In this case, joining Plaintiffs would cause judicial inefficiency and frustrate the purposes of Rule 20(a) because of the individualized circumstances of each Plaintiff. Coughlin, 130 F.3d at 1351; see League to Save Lake Tahoe v. Tahoe Reg'l Planning Agency, 558 F.2d 914, 917 (9th Cir. 1977) (" The primary purpose [of Rule 20(a)] is to promote trial convenience and to prevent multiple lawsuits."). In addition to the varying factual circumstances described above, the following defenses available to the City would be litigated on an individual basis: (1) whether supervisors were aware of a particular Plaintiff's off-the-clock work; (2) whether particular activities were compensable; (3) whether time spent on these activities was de minimus ; and (4) whether particular supervisors acted in good faith. See Smith v. T-Mobile USA, Inc., No. CV 05-5274 ABC (SSx), 2007 WL 2385131, at *8 (C.D. Cal. Aug. 15, 2007).

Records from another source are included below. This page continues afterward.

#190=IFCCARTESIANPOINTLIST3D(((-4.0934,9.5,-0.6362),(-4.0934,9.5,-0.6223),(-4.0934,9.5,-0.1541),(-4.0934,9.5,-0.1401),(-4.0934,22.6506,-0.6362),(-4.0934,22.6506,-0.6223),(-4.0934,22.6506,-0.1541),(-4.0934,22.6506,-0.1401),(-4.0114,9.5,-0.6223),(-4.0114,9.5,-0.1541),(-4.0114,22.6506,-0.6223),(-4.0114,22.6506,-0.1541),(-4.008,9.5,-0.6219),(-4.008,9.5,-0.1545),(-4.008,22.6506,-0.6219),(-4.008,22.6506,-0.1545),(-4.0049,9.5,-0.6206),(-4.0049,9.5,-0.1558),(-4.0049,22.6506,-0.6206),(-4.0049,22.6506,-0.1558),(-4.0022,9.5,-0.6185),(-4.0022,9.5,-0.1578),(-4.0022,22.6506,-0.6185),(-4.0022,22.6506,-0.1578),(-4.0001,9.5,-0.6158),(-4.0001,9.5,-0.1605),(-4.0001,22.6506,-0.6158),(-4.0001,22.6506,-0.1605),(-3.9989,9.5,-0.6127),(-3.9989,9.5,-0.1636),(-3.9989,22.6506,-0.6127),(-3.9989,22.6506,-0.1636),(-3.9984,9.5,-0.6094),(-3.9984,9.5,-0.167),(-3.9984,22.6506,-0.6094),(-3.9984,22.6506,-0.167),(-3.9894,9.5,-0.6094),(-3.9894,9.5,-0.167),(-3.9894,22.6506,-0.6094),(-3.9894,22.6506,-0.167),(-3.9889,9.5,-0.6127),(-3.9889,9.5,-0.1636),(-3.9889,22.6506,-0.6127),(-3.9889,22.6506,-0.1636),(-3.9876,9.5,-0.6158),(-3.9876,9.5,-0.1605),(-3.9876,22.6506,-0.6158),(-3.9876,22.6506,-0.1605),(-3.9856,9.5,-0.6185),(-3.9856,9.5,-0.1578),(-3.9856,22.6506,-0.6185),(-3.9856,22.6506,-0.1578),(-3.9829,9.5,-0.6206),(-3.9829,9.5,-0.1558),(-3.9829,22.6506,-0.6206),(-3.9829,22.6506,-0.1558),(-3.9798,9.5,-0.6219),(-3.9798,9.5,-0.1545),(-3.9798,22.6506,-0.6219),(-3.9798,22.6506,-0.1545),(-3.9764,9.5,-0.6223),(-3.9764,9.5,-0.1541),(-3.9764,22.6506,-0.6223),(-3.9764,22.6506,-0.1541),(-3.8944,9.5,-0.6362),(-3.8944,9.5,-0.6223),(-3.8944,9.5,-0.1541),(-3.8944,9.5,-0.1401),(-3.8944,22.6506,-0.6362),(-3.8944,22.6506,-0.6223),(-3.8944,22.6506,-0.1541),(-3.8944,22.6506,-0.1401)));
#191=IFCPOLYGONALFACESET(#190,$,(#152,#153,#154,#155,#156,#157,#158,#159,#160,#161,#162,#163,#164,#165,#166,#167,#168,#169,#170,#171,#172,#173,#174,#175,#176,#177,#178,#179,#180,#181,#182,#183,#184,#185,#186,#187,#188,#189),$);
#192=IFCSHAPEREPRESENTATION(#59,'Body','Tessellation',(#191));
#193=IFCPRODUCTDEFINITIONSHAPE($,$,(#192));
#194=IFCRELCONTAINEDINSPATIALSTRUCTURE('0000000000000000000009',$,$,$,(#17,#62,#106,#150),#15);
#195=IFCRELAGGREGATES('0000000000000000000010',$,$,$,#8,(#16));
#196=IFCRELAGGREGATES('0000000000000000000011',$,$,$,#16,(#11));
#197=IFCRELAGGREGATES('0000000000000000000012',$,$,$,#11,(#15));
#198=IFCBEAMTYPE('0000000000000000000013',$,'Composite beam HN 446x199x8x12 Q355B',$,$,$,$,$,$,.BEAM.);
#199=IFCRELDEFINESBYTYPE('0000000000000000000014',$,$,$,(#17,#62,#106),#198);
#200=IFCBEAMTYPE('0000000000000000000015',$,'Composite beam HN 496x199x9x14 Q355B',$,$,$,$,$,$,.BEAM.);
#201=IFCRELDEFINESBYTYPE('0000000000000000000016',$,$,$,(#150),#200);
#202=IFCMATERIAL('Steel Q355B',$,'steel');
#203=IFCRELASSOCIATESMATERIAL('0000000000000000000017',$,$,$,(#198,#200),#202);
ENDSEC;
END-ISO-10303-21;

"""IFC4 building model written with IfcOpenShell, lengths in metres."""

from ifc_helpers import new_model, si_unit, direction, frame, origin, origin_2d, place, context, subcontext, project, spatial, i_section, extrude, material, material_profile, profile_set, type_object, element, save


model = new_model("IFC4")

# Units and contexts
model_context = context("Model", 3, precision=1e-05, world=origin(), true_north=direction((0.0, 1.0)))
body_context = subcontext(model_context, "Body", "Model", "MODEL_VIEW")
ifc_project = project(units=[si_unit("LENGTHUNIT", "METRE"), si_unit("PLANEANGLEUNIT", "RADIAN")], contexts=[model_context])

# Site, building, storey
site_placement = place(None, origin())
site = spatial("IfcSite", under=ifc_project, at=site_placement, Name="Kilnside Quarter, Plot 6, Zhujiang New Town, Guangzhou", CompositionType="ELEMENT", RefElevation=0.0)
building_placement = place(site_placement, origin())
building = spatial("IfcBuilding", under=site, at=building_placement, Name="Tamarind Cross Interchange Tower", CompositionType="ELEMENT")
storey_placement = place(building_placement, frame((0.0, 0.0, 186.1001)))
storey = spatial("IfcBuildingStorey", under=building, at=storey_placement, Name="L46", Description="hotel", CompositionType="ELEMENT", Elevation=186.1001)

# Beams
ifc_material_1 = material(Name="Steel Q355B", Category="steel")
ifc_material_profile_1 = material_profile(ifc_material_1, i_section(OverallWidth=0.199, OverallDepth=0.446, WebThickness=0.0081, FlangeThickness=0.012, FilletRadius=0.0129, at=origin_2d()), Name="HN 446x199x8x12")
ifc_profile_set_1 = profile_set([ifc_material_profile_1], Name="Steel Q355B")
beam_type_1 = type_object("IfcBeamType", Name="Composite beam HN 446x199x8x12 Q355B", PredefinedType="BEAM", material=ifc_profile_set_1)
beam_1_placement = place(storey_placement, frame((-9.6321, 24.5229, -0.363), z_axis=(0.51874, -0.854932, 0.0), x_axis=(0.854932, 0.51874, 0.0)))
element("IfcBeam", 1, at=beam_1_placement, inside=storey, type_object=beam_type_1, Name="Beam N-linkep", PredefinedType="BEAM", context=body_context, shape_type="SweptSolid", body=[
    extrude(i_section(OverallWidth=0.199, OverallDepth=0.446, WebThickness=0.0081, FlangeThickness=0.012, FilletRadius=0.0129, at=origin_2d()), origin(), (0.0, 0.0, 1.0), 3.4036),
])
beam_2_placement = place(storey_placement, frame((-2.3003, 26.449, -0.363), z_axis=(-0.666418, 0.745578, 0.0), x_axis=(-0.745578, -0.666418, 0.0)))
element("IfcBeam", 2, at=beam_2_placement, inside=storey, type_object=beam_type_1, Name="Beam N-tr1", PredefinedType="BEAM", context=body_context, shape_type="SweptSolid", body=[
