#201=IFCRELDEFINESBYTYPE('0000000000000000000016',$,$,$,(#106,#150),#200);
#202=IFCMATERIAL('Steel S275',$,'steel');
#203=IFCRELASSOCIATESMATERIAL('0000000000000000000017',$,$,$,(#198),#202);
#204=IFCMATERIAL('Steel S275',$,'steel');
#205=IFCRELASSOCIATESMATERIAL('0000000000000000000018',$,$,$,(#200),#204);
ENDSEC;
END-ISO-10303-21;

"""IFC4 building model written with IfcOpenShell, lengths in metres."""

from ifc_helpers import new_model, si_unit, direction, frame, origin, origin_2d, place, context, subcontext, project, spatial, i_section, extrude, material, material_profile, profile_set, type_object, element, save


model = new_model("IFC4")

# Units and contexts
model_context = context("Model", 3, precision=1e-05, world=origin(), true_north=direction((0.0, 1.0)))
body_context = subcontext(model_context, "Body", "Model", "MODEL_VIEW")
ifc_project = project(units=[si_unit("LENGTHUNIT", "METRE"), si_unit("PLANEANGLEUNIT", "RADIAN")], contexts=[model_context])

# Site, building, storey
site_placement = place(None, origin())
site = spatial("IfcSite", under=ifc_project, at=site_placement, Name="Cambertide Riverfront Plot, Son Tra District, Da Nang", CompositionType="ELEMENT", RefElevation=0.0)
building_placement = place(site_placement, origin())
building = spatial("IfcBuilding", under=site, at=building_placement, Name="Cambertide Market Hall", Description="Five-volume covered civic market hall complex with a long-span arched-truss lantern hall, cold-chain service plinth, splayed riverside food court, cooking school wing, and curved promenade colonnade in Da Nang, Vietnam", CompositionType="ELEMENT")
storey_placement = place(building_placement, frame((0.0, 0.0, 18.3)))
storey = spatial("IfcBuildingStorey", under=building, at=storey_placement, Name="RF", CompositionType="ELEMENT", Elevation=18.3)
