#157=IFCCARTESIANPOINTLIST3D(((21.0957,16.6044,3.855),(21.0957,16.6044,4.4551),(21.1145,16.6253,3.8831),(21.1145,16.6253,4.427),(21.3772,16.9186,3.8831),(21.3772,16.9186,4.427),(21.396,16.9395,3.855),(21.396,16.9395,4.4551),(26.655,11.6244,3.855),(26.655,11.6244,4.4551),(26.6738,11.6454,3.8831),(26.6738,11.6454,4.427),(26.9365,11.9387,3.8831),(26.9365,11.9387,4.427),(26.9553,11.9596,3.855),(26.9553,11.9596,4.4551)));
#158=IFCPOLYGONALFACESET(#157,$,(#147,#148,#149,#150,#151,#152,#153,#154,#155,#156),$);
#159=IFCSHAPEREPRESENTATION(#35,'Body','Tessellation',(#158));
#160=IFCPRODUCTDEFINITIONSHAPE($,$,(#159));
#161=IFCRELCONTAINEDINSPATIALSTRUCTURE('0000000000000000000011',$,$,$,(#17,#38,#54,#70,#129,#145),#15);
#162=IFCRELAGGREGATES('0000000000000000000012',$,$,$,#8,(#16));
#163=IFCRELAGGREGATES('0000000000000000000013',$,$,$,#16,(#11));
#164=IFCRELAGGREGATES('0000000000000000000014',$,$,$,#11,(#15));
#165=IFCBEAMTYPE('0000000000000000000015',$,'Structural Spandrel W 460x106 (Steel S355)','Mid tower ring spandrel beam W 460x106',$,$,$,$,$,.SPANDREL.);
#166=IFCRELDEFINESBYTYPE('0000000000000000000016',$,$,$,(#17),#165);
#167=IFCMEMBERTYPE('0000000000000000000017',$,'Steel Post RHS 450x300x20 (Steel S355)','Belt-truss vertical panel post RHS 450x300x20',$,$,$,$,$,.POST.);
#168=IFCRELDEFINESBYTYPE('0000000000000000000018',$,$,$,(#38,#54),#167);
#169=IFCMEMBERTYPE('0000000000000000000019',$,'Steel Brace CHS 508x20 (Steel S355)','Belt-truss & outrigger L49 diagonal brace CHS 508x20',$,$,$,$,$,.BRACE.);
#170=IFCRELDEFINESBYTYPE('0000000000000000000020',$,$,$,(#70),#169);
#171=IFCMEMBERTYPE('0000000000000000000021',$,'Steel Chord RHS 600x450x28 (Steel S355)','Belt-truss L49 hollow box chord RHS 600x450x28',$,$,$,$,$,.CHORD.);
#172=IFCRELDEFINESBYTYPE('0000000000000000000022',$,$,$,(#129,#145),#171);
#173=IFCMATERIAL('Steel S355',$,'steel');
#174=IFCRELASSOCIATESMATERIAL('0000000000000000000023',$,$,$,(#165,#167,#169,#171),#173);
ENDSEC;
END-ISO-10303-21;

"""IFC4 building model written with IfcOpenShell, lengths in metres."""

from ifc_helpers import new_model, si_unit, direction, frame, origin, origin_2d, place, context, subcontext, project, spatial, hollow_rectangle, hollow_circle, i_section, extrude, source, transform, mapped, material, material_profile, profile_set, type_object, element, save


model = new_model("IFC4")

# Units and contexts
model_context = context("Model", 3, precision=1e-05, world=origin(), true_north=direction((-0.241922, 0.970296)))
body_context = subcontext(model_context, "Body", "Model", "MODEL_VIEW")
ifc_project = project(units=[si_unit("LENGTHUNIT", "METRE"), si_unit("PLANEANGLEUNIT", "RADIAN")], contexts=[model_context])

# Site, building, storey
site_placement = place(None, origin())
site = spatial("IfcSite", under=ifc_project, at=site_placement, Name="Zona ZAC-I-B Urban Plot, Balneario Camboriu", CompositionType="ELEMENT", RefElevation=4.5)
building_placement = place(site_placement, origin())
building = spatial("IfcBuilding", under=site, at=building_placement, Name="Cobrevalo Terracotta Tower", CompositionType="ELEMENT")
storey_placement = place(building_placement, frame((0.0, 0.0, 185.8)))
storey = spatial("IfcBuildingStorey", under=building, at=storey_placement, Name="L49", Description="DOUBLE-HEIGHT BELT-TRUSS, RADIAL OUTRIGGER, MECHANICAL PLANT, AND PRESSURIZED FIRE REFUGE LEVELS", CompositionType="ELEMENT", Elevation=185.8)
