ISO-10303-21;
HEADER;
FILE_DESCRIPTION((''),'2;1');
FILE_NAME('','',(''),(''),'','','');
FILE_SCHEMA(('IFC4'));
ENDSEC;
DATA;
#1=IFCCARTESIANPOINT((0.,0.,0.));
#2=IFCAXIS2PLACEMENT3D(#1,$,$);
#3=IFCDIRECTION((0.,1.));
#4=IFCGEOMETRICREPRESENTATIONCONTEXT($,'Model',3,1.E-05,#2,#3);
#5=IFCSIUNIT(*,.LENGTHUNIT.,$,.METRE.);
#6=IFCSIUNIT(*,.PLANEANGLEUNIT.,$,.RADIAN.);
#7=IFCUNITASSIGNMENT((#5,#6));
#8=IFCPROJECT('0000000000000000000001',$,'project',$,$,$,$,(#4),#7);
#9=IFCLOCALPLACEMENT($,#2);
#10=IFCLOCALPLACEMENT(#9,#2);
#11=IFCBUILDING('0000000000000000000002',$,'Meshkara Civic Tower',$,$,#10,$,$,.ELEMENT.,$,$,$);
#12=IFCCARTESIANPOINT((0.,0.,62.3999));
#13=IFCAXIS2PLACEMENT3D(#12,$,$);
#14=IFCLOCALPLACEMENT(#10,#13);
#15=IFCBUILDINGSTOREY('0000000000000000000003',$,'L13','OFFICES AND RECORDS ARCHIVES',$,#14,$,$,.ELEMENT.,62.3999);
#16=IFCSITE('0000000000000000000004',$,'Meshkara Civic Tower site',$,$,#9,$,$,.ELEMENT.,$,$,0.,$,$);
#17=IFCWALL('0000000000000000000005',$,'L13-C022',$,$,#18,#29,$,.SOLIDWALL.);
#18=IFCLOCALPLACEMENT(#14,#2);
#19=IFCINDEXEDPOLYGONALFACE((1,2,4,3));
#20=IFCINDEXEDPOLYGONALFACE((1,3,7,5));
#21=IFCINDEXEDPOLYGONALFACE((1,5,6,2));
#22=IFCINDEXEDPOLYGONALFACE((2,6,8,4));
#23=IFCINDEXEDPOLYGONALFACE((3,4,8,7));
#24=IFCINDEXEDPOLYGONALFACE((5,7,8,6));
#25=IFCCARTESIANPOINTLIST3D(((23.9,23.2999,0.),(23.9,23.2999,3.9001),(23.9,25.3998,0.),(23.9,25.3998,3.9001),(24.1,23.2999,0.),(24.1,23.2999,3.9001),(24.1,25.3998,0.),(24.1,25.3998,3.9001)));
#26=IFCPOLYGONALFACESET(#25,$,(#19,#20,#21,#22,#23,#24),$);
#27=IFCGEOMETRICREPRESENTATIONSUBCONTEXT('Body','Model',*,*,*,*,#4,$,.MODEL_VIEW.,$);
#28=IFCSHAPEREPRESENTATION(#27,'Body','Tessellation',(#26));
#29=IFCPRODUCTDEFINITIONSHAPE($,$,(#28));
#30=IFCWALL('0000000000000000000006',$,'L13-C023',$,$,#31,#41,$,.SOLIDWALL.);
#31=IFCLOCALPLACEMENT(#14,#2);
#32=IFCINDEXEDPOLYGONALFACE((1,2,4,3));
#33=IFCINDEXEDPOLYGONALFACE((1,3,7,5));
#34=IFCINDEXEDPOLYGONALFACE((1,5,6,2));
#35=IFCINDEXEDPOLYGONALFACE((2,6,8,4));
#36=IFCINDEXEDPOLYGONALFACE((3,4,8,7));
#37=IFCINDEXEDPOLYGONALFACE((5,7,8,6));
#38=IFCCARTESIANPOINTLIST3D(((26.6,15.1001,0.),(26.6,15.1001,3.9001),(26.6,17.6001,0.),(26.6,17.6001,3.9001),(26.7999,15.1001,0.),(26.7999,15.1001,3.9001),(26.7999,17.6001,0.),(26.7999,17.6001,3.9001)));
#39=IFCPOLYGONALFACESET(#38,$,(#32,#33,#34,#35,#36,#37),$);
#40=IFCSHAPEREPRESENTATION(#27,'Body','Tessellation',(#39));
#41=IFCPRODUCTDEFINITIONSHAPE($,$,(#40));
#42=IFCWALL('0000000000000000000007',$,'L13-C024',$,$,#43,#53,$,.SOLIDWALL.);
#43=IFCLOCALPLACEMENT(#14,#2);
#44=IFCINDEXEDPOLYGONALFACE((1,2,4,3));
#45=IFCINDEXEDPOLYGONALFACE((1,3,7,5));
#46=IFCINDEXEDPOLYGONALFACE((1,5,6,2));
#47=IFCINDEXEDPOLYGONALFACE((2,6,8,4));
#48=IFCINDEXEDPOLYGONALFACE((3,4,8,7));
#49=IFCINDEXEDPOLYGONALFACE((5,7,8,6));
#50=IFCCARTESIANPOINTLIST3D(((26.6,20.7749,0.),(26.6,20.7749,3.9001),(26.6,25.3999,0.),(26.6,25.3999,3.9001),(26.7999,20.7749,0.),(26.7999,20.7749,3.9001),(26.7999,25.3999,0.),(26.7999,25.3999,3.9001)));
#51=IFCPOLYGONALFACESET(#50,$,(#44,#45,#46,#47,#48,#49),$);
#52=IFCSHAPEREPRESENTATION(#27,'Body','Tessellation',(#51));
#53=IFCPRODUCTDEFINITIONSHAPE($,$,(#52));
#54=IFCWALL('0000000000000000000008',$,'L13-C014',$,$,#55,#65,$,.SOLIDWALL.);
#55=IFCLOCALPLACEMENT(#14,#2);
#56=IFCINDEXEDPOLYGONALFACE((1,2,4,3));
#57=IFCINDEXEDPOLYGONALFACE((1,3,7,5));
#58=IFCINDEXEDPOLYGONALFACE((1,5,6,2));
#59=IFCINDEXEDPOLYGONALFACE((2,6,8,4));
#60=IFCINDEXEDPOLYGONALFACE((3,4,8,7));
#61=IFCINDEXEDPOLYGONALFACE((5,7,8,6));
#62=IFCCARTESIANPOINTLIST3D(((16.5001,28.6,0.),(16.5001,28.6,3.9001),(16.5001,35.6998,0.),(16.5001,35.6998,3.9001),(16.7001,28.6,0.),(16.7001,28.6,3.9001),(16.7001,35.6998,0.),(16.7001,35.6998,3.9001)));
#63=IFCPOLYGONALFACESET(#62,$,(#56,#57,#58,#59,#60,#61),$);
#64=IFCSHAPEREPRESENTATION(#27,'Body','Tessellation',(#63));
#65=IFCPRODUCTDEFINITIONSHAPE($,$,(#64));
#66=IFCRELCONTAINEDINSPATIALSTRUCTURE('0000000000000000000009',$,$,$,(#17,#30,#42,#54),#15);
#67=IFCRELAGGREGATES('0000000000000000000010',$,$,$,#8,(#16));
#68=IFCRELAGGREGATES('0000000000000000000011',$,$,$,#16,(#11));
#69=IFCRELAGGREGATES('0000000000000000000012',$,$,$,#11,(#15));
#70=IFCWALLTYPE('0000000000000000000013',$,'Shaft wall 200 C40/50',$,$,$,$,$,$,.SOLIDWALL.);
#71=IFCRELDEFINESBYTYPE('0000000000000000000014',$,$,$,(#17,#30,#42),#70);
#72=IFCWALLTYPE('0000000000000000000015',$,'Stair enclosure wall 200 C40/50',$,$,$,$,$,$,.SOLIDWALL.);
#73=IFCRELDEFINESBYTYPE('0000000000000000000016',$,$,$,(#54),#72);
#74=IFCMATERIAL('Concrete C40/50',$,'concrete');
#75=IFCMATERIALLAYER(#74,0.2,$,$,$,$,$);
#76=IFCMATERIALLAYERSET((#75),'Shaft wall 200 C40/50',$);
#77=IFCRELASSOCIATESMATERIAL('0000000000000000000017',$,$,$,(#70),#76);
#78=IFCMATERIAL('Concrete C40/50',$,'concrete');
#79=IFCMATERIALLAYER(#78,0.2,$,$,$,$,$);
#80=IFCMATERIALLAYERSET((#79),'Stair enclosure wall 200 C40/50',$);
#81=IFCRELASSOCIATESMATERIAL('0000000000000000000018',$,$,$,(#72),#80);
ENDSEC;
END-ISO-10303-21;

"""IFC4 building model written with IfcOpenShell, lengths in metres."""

from ifc_helpers import new_model, si_unit, direction, frame, frame_2d, origin, place, context, subcontext, project, spatial, rectangle, extrude, material, layer, layer_set, type_object, element, save


model = new_model("IFC4")

# Units and contexts
model_context = context("Model", 3, precision=1e-05, world=origin(), true_north=direction((0.0, 1.0)))
body_context = subcontext(model_context, "Body", "Model", "MODEL_VIEW")
ifc_project = project(units=[si_unit("LENGTHUNIT", "METRE"), si_unit("PLANEANGLEUNIT", "RADIAN")], contexts=[model_context])

# Site, building, storey
site_placement = place(None, origin())
site = spatial("IfcSite", under=ifc_project, at=site_placement, Name="Meshkara Civic Tower site", CompositionType="ELEMENT", RefElevation=0.0)
building_placement = place(site_placement, origin())
building = spatial("IfcBuilding", under=site, at=building_placement, Name="Meshkara Civic Tower", CompositionType="ELEMENT")
storey_placement = place(building_placement, frame((0.0, 0.0, 62.3999)))
storey = spatial("IfcBuildingStorey", under=building, at=storey_placement, Name="L13", Description="OFFICES AND RECORDS ARCHIVES", CompositionType="ELEMENT", Elevation=62.3999)

# Shared definitions
ifc_material_1 = material(Name="Concrete C40/50", Category="concrete")
ifc_layer_1 = layer(ifc_material_1, 0.2)
ifc_layer_set_1 = layer_set([ifc_layer_1], Name="Shaft wall 200 C40/50")
wall_type_1 = type_object("IfcWallType", Name="Shaft wall 200 C40/50", PredefinedType="SOLIDWALL", material=ifc_layer_set_1)

# Walls
wall_1_placement = place(storey_placement, frame((24.0, 23.3, 0.0), z_axis=(0.0, 0.0, 1.0), x_axis=(0.0, 1.0, 0.0)))
element("IfcWall", 1, at=wall_1_placement, inside=storey, type_object=wall_type_1, Name="L13-C022", PredefinedType="SOLIDWALL", context=body_context, shape_type="SweptSolid", body=[
    extrude(rectangle(XDim=2.0999, YDim=0.2, at=frame_2d((1.0498, 0.0))), origin(), (0.0, 0.0, 1.0), 3.9001),
])
wall_2_placement = place(storey_placement, frame((26.7, 15.1001, 0.0), z_axis=(0.0, 0.0, 1.0), x_axis=(0.0, 1.0, 0.0)))
element("IfcWall", 2, at=wall_2_placement, inside=storey, type_object=wall_type_1, Name="L13-C023", PredefinedType="SOLIDWALL", context=body_context, shape_type="SweptSolid", body=[
    extrude(rectangle(XDim=2.5, YDim=0.2, at=frame_2d((1.25, 0.0))), origin(), (0.0, 0.0, 1.0), 3.9001),
])
wall_3_placement = place(storey_placement, frame((26.7, 20.7749, 0.0), z_axis=(0.0, 0.0, 1.0), x_axis=(0.0, 1.0, 0.0)))
element("IfcWall", 3, at=wall_3_placement, inside=storey, type_object=wall_type_1, Name="L13-C024", PredefinedType="SOLIDWALL", context=body_context, shape_type="SweptSolid", body=[
    extrude(rectangle(XDim=4.625, YDim=0.2, at=frame_2d((2.3125, 0.0))), origin(), (0.0, 0.0, 1.0), 3.9001),
])
ifc_material_2 = material(Name="Concrete C40/50", Category="concrete")
ifc_layer_2 = layer(ifc_material_2, 0.2)
ifc_layer_set_2 = layer_set([ifc_layer_2], Name="Stair enclosure wall 200 C40/50")
wall_type_2 = type_object("IfcWallType", Name="Stair enclosure wall 200 C40/50", PredefinedType="SOLIDWALL", material=ifc_layer_set_2)
wall_4_placement = place(storey_placement, frame((16.6001, 28.6001, 0.0), z_axis=(0.0, 0.0, 1.0), x_axis=(0.0, 1.0, 0.0)))
element("IfcWall", 4, at=wall_4_placement, inside=storey, type_object=wall_type_2, Name="L13-C014", PredefinedType="SOLIDWALL", context=body_context, shape_type="SweptSolid", body=[
    extrude(rectangle(XDim=7.0999, YDim=0.2, at=frame_2d((3.5498, 0.0))), origin(), (0.0, 0.0, 1.0), 3.9001),
])

save(model, "model.ifc")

Pursuant to Federal Rule of Civil Procedure 21, misjoinder of parties " is not a ground for dismissing an action." Instead, " [o]n motion or on its own, the court may at any time, on just terms, add or drop a party." Fed.R.Civ.P. 21. Where there is a misjoinder, " the court can generally dismiss all but the first named plaintiff without prejudice to the institution of new, separate lawsuits by the dropped plaintiffs." Coughlin, 130 F.3d at 1350. Accordingly, the Court dismisses all but the first named Plaintiff from this action.

The City also moves to strike paragraphs five, sixteen, eighteen, and twenty-one from the Complaint. Federal Rule of Civil Procedure 12(f) provides that " the court may order stricken from any pleading any insufficient defense or any redundant, immaterial, impertinent, or scandalous matter." Because Mr. Abrams is the only remaining Plaintiff, the Court GRANTS the City's Motion to Strike to the extent necessary to reflect this new posture in this case. Particularly, paragraphs five, sixteen, eighteen, and twenty-one of the operative Complaint seem immaterial as a result of this Order. Accordingly, Mr. Abrams shall file an amended complaint by no later than December 1, 2014 removing allegations supporting a collective action.


For the reasons discussed above, the Court GRANTS the City's Motion to Strike and DISMISSES WITHOUT PREJUDICE all named Plaintiffs except Andre Abrams and STRIKES paragraphs 5, 16, 18, and 21 from the Complaint. (ECF No. 10.)